Hech 10,
25-26.34-35.44-48; Sal 98(97), 1. 2-3ab. 3cd-4; 1Jn 4, 7-10; Jn 15, 9-17
Sólo cuando existe el deber de amar, sólo entonces el amor está
garantizado para siempre contra cualquier alteración; eternamente liberado en
feliz independencia; asegurado en eterna bienaventuranza contra cualquier
desesperación.
Søren Kierkegaard
Permanecer en su amor
para nosotros significa concretamente amar como Él ama… La fe es inseparable
del amor, aún más, tiene como objeto el amor…
Silvano Fausti
¿Qué
encontramos hoy en el frontispicio de esta Liturgia? “Anúncienlo con voz de
Júbilo, y que se oiga, anúncienlo hasta los confines de la tierra: el Señor ha
liberado a su pueblo, aleluya.” Se declara una comisión, un encargo para
nosotros: ser portadores del anuncio, de un jubiloso anuncio, anuncio que ha de
ser llevado sin fronteras, a todo lo ancho y lo largo de la geografía
universal. ¡Se trata de un anuncio de liberación! Estas ideas nos vienen de
Isaías, en el capítulo 18, verso 20. Pero también son paráfrasis del Salmo
98(97), salmo que canta la Realeza de YHWH.
La
arquitectura Litúrgica implica un “transportón”: Después de la puerta principal
–una vez recorrido el zaguán- está la segunda puerta, como una especie de
puerta que refuerza la seguridad o, mejor, que refuerza la bienvenida y hace
sentir una mayor acogida, consistente en la convicción de haber llegado a
moradas que nos reciben con los brazos abiertos. En este transportón se oye la declaratoria –no ya de la Invitación del Señor-
sino de los propósitos que nos han movido a venir. Recogidas las intenciones,
valga decir colectadas todas, y por
eso se llama Oración Colecta, estos
propósitos en la voz del Sacerdote (Alter Christus), se confiesan así: “Dios
Todopoderoso, concédenos continuar, con sincero afecto, la celebración de estos
días de alegría en honor del Señor resucitado, para que estos misterios que
estamos recordando, se manifiesten
siempre en nuestras obras. Por nuestro Señor Jesucristo, tu Hijo, que
contigo vive y reina, en unidad con el Espíritu Santo, y es Dios, por los
siglos de los siglos.
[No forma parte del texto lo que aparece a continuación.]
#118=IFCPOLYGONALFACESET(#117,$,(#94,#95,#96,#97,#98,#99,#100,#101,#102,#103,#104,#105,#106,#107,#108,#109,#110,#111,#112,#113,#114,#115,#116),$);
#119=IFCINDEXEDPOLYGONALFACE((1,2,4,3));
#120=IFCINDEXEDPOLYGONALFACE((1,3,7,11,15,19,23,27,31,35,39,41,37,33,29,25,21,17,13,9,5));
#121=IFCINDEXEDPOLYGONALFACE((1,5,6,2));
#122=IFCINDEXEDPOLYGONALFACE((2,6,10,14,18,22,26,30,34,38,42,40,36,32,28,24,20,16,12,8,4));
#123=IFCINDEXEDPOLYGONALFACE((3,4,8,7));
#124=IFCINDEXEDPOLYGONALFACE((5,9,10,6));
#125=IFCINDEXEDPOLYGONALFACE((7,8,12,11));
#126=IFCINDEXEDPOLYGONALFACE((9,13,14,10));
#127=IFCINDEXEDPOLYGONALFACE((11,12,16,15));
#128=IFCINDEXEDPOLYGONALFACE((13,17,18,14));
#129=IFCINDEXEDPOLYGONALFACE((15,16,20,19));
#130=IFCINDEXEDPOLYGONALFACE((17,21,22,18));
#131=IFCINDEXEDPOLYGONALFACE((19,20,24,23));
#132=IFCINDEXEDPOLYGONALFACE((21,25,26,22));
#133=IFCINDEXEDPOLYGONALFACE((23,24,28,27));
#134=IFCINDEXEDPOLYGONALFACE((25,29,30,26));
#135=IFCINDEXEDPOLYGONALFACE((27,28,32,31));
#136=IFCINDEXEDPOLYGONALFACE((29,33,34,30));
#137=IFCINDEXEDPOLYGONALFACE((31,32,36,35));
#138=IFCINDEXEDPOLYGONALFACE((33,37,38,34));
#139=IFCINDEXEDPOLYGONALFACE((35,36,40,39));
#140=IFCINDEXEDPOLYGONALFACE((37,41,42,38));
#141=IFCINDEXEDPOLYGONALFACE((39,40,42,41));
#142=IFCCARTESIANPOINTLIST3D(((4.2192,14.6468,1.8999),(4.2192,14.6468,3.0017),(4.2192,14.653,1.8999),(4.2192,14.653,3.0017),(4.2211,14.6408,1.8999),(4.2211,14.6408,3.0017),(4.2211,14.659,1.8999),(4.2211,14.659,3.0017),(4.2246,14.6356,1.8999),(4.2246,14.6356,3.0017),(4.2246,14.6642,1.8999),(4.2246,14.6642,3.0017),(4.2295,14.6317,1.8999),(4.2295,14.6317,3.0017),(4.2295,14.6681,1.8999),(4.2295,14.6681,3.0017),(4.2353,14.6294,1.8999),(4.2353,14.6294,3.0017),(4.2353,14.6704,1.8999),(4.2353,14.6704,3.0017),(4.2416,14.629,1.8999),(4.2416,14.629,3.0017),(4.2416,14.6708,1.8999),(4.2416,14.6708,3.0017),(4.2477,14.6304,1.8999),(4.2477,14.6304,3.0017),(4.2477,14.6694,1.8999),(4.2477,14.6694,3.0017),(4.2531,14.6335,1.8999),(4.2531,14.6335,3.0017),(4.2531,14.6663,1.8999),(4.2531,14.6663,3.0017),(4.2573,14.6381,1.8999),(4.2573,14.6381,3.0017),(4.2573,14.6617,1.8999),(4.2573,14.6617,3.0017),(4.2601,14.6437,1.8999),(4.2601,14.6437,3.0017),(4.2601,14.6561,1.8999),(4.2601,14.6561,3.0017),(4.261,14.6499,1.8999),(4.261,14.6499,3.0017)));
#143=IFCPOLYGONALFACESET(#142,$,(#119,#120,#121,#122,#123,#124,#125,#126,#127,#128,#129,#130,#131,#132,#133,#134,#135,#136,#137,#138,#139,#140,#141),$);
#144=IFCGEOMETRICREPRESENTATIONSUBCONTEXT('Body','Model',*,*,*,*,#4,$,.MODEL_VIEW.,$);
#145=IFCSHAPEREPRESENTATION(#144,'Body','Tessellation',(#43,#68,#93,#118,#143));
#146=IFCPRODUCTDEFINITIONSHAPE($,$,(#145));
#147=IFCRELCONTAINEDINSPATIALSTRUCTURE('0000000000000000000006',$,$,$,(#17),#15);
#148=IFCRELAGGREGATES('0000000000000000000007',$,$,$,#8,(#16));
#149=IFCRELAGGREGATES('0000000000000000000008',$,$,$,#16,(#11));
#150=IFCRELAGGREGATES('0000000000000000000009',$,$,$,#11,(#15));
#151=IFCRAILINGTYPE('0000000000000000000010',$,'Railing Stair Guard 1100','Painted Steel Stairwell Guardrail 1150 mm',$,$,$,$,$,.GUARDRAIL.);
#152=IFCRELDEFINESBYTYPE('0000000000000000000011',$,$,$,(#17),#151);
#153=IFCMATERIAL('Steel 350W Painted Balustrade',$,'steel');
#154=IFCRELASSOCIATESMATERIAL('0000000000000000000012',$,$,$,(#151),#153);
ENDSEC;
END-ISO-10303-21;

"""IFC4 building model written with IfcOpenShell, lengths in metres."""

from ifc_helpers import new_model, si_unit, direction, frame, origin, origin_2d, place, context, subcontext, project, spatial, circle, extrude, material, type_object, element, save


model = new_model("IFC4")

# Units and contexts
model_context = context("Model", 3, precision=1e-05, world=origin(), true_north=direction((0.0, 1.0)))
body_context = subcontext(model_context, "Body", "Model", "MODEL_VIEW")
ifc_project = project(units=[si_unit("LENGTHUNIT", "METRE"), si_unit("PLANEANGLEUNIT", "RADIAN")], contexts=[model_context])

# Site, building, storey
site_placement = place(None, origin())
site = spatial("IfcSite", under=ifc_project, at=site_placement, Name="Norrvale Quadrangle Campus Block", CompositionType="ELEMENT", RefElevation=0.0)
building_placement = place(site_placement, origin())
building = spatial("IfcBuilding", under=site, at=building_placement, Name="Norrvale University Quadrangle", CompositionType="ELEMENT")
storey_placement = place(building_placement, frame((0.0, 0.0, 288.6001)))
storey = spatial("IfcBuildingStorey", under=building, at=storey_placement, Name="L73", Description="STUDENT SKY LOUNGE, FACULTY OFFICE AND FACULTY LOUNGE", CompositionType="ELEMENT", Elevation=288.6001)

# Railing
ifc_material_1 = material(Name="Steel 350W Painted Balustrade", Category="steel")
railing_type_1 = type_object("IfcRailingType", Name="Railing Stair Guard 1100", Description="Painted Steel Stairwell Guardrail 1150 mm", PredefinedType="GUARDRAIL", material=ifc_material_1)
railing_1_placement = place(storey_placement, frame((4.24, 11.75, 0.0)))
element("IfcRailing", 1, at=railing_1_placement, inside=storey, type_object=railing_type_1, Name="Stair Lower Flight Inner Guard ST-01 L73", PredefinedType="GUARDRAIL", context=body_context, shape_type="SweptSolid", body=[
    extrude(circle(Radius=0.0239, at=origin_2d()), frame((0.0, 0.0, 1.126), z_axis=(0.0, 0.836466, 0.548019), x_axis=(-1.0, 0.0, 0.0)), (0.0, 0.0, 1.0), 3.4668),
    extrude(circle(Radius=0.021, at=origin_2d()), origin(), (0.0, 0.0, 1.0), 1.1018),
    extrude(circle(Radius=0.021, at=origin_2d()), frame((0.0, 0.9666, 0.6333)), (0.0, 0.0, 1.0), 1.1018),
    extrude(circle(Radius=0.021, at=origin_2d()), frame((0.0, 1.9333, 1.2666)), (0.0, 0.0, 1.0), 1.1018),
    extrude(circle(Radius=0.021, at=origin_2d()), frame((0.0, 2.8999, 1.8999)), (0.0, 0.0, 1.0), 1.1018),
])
Amén.” O sea, que no nos apartamos ni un ápice de los
propósitos que trajimos a la celebración de la Eucaristía, el Domingo anterior.
Como recordamos, en la celebración anterior concluíamos haciendo votos por
fructificar con generosa abundancia; y, hoy persistimos pidiendo continuidad
centrados en ese mismo afecto: ¡Queremos ser fructíferos, ser uvas redondas de
los sarmientos injertos en la “Verdadera Vid”! Permanecer, persistir,
continuar, todo esto está bajo la misma clave: la celebración del Sexto Domingo
de Pascua se encuentra, también, bajo el signo del μένω “la permanencia” [“maneat” - “constantiam” se dirá en latín].
Permanecemos,
porque somos sus hijos, pero, si vamos a ver nuestra permanencia –desde la
óptica de los frutos- tendríamos que llevar nuestra mano al pecho, y buscar
allí la profunda consciencia de la clase de frutos que hemos de dar, nosotros,
los que reconocemos nuestra vida como la de sarmientos que permanecen unidos a
la Verdadera Vid, entonces, ¿qué frutos daremos? ¿Uvas redondas de vino… quizá;
jugosas y gordas vides, plenas del elixir de la alegría…, a lo mejor?
Cuando
nuestros racimos sean llevados a las prensas, o sean pisados por los virginales
pies de las vendimiadoras, es la nota más altisonante de la partitura de hoy,:
“Que el mosto de nuestros granos sea el mosto del Amor”. Somos, pues, uvas que
–a la música de la vendimia- rinden vinos de solera, el licor del Amor.
Poco
a poco el ser humano se fue dando cuenta que pisar la uva era algo más que
mecánico, y musicalizaron la labor, le pusieron ritmo y canciones, de manera
tal que con el correr del tiempo se transformó de simple pisado, en danza de
vendimia. ¿Cómo se llaman todos estos operarios encargados de convertir las
uvas en vino? ¿Obreros…? ¿Empleados…? ¿Jornaleros..? ¿Siervos…? Atención a este glorioso momento
en el que Jesús nos enseña cómo se llaman: “Ya no los llamo δούλους siervos, porque el siervo no sabe lo que
hace su amo; a ustedes los llamo φίλους amigos,
porque les he dado a conocer todo lo que le he oído a mi Πατρός
Padre.” (Jn 15, 15)
Φίλους se podría traducir
“queridos”: ¡Queridos amigos!. La fiesta de la vendimia está marcada por el
ritmo de este tierno cantar que se transforma en danza: “No son ustedes los que
me han elegido, Yo los he elegido a ustedes, dándoles a conocer todo lo que me
ha dicho el Padre. Los he elegido para llamarlos queridos amigos y darles mi Mandamiento, que es el Mandamiento de
mi Padre: Que se amen unos a otros. Así que vivid vuestra existencia cristiana
como una danza de vendimia, con alegría ininterrumpida, porque quien vive unido
a Mí, cumpliendo la Voluntad de mi Padre, vive en la Plenitud de la Alegría”.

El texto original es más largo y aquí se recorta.